"And peined hire to contrefeten chere Of court, and been astatelich of manere, And to be holden digne of reverence."
That is, she took pains to imitate the manners of the Court, &c.; whereas Mr Horne, with inconceivable ignorance of the meaning of words that occur in Chaucer a hundred times, writes "it gave her pain to counterfeit the ways of Court," thereby reversing the whole picture.
"And French she spake full fayre and fetisly,"
he translates "full properly and neat!" Dryden rightly calls her "the mincing Prioress;" Mr Horne wrongly says, "she was evidently one of the most high-bred and refined ladies of her time."
Chaucer says, of that "manly man," the Monk—
"Ne that a monk, when he is rekkeless, Is like to a fish that is waterless; This is to say, a monk out of his cloistre. This ilkè text held he not worth an oistre."

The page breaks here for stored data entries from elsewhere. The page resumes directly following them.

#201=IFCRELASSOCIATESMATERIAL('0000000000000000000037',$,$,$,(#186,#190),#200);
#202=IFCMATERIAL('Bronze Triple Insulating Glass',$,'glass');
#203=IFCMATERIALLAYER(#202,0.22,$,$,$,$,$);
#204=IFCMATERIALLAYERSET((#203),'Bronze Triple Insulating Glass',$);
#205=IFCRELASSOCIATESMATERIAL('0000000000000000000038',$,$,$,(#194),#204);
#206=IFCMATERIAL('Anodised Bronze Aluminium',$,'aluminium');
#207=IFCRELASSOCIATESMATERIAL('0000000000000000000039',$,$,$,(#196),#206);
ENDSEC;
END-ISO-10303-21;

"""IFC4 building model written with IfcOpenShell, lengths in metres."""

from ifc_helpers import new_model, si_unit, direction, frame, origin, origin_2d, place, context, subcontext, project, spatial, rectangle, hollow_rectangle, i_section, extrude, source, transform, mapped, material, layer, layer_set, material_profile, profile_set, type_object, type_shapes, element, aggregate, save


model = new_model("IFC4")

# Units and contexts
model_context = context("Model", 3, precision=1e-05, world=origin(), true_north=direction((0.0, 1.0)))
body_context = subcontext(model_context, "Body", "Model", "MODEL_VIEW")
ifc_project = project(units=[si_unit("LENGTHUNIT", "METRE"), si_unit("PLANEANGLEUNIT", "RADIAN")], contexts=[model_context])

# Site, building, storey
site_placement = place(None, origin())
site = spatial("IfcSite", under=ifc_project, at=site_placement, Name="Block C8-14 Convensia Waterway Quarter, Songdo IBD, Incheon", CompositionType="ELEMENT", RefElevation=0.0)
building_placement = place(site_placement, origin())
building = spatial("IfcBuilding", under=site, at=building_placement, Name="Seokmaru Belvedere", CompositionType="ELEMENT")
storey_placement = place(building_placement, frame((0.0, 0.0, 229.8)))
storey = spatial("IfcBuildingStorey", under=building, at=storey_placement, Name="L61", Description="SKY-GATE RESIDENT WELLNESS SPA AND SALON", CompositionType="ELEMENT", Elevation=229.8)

Mr Horne here modernizeth thus—
"Or that a monk beyond his bricks and mortar, Is like a fish without a drop of water, That is to say, a monk out of his cloister."

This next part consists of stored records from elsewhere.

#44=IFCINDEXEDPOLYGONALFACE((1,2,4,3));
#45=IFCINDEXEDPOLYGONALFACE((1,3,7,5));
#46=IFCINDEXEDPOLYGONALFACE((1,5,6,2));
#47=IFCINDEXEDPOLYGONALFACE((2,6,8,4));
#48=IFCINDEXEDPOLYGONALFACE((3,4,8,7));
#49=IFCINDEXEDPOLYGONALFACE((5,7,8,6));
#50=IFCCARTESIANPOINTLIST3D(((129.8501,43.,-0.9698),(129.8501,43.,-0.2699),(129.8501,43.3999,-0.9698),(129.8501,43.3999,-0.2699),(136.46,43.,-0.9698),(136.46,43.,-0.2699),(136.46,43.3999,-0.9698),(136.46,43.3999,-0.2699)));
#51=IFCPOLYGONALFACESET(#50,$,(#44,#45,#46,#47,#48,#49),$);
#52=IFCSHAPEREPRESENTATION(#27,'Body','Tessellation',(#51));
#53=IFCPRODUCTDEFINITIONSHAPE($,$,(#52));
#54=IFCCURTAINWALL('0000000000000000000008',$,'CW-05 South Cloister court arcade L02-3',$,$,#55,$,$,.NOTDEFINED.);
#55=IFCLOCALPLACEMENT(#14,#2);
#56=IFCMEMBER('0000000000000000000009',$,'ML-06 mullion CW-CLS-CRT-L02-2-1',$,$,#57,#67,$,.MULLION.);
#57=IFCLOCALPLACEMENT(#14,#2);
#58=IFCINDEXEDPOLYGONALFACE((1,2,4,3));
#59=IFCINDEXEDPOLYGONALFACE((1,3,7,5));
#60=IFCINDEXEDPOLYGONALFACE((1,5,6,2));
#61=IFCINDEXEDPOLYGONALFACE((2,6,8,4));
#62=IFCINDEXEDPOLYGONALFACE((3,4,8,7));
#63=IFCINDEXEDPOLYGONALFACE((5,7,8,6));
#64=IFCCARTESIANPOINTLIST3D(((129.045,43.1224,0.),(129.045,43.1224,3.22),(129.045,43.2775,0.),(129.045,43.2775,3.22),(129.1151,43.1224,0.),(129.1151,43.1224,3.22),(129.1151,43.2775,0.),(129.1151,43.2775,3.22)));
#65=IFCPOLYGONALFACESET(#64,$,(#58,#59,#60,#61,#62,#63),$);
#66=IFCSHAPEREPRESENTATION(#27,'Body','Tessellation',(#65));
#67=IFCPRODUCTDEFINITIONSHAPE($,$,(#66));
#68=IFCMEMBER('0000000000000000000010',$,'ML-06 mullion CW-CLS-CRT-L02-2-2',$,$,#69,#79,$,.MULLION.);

There can be no mortar without water, but the words do not rhyme except to Cockney ears, though the blame lies at the door of the mouth. "Bricks and mortar" is an odd and somewhat vulgar version of "rekkeless;" and to say that a monk "beyond his bricks and mortar" is a monk "out of his cloister," is not in the manner of Chaucer, or of any body else.